DB2 is smart about this as well; if you use EXISTS(SELECT *) it will do the top 1.
But the COUNT(*) function requires the determination of row count, which means that, properly, the database engine must find and enumerate all rows matching the WHERE clause.
Our people developed a bad practice in the early days of DB2 (V1 and V2) of doing a SELECT INTO (one-step query/return) in this form (COBOL):
In that usage, the database engine is forced to count all the rows because the test for zero is outside its domain of operations. If all the WHERE clause predicates are indexable, the performance isn't usually too bad. If there are a lot of rows and any non-indexable column is involved, the performance can suck big time.
And this was pure laziness, because even then, when FETCH FIRST ROW ONLY had not been added as a feature, there were ways to do this efficiently.

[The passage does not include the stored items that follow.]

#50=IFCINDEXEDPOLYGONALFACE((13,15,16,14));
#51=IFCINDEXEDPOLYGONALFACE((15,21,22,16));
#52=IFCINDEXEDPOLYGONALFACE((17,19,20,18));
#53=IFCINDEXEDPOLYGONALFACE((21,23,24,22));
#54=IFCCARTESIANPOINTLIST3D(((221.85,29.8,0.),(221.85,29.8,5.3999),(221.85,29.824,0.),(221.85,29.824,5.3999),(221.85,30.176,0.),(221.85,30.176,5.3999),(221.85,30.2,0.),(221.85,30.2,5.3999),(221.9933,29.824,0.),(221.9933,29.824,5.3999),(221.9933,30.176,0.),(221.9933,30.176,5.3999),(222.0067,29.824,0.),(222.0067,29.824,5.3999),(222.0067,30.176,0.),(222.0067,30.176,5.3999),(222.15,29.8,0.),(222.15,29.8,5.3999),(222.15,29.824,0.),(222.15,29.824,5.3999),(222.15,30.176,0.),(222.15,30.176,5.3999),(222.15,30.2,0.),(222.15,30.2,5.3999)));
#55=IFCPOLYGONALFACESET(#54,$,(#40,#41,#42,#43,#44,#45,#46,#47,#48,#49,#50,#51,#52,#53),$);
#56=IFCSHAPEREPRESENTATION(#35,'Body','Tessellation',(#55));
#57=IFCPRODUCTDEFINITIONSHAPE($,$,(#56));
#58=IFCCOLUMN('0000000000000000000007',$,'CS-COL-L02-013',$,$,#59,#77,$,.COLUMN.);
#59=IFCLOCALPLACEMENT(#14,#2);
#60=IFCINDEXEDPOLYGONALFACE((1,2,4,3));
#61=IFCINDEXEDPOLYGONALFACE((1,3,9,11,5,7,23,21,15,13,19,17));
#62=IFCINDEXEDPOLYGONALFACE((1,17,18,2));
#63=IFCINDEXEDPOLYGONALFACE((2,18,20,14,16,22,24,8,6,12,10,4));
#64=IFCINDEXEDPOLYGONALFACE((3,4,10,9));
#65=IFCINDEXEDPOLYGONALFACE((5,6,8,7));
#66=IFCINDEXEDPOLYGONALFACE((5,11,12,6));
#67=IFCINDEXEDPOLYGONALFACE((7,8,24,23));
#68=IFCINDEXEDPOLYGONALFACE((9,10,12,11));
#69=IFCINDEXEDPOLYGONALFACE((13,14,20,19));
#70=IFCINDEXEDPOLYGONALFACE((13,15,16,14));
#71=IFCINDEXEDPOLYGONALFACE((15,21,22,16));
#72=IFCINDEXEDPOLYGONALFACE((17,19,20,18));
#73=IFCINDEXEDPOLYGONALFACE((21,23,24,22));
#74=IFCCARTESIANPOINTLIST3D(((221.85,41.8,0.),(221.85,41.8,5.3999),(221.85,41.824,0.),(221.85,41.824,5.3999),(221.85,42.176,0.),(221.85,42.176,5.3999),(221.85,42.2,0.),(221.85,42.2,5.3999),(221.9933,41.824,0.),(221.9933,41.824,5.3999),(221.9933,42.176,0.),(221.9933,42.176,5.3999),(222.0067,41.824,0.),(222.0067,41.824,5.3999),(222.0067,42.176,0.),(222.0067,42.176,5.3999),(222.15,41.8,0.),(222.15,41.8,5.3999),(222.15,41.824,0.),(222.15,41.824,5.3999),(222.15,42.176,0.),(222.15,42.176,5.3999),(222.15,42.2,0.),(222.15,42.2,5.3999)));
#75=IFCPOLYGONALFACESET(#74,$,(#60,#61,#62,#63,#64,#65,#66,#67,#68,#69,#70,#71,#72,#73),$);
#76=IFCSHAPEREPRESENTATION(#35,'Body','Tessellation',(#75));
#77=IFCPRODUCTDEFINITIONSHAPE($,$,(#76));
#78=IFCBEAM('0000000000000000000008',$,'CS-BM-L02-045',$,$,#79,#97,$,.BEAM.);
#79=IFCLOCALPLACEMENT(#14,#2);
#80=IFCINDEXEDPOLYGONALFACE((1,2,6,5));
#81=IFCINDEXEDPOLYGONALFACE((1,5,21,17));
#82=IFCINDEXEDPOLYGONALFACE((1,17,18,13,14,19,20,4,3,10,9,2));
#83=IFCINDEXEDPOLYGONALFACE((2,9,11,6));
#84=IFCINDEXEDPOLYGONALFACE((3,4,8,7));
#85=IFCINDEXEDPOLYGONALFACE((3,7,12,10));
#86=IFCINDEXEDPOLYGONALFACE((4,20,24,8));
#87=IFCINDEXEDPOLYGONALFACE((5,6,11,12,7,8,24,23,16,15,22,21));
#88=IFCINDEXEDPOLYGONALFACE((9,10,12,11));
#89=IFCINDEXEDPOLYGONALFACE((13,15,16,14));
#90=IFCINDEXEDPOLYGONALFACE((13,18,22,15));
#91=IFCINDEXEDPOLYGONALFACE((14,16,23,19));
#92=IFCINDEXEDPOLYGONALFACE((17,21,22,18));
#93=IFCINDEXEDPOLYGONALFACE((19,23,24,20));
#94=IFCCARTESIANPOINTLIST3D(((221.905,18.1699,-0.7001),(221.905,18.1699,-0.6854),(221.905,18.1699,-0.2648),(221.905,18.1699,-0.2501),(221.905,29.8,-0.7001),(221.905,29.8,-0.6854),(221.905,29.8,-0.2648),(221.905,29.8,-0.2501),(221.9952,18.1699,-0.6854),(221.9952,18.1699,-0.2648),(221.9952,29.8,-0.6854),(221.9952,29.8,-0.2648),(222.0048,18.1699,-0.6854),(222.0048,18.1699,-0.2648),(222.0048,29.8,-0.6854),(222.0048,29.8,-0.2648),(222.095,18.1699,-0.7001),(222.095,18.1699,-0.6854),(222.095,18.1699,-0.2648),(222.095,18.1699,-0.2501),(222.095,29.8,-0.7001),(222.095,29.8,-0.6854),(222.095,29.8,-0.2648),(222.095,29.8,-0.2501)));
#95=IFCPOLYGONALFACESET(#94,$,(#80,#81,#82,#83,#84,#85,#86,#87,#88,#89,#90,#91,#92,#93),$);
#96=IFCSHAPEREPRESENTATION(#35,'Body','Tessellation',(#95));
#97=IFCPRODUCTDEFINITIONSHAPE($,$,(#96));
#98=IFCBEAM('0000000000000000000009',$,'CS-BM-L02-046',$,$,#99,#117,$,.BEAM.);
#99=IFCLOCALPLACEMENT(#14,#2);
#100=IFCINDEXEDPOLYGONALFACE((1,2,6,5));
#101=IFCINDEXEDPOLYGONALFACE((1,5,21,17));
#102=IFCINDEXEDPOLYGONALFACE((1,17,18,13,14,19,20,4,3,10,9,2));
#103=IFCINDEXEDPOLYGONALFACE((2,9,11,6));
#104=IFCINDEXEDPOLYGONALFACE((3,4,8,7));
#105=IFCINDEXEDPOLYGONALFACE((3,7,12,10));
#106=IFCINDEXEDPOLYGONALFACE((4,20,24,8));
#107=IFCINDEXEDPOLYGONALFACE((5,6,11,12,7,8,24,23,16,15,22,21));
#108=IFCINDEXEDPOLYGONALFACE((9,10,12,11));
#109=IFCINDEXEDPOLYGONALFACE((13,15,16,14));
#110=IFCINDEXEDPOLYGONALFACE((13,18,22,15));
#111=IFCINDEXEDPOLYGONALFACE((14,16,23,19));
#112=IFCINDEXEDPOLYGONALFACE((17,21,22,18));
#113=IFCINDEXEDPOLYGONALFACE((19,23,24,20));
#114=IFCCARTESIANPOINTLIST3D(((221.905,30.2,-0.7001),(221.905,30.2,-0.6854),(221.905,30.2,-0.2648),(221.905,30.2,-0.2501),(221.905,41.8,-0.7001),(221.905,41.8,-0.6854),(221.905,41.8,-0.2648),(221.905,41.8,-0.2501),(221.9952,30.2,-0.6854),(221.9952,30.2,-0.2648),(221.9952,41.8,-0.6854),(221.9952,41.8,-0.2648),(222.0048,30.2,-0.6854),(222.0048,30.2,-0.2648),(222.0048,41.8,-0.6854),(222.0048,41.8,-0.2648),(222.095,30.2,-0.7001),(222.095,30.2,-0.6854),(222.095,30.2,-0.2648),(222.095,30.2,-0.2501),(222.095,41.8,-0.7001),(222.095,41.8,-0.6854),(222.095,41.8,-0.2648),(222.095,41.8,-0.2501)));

One is, for example, set up a cursor and fetch the first row.
"But why go to all that trouble when DB2 can count 100K rows really fast?" (I should emphasize that this is a paraphrase quote from a lead programmer.)
Sigh.
I published a strong anti-pattern warning; despite that, we're still finding and fixing these crummy things.
Admin
I think my eyes got just a little bit wider with each line of "IsTableEmpty" until they were about ready to pop out of my head.
A previous co-worker at my current employer had this weird anti-pattern where should define a Linq2Sql query, then do if(query.Count() > 0) dataGrid.DataBind(). I repeatedly tried to point out to her that this just resulted in the grid not being updated if her query returned no results. Despite the fact that all she did for the project was CRUD screens, so none of these queries were particularly expensive to require a COUNT(*) query first, and the grid should always be updated if a search resulted in no records. I even tried introducing her to the "EmptyText" property of the data grid, but she insisted on using this anti-pattern for every page she worked on.
And that was the milder stuff she did. After she left, everything she had worked on had to be redone, due to swallowed exceptions and bad (often, really bad) logic. Some of her work is even on TDWTF ;)
Admin
Involuntarily?
Admin
^^ So much this.
The only scenario where this kind of optimization would help is a situation where the actual joins caused the slow-down, rather than the WHERE condition. If you have that problem, it's time to revisit your database design.
The implementation in this article was probably due to the original dev thinking "I don't want all these 'for' statements to run if there's no data, because that will just waste a bunch of CPU power." I have actually worked with programmers who would think that way.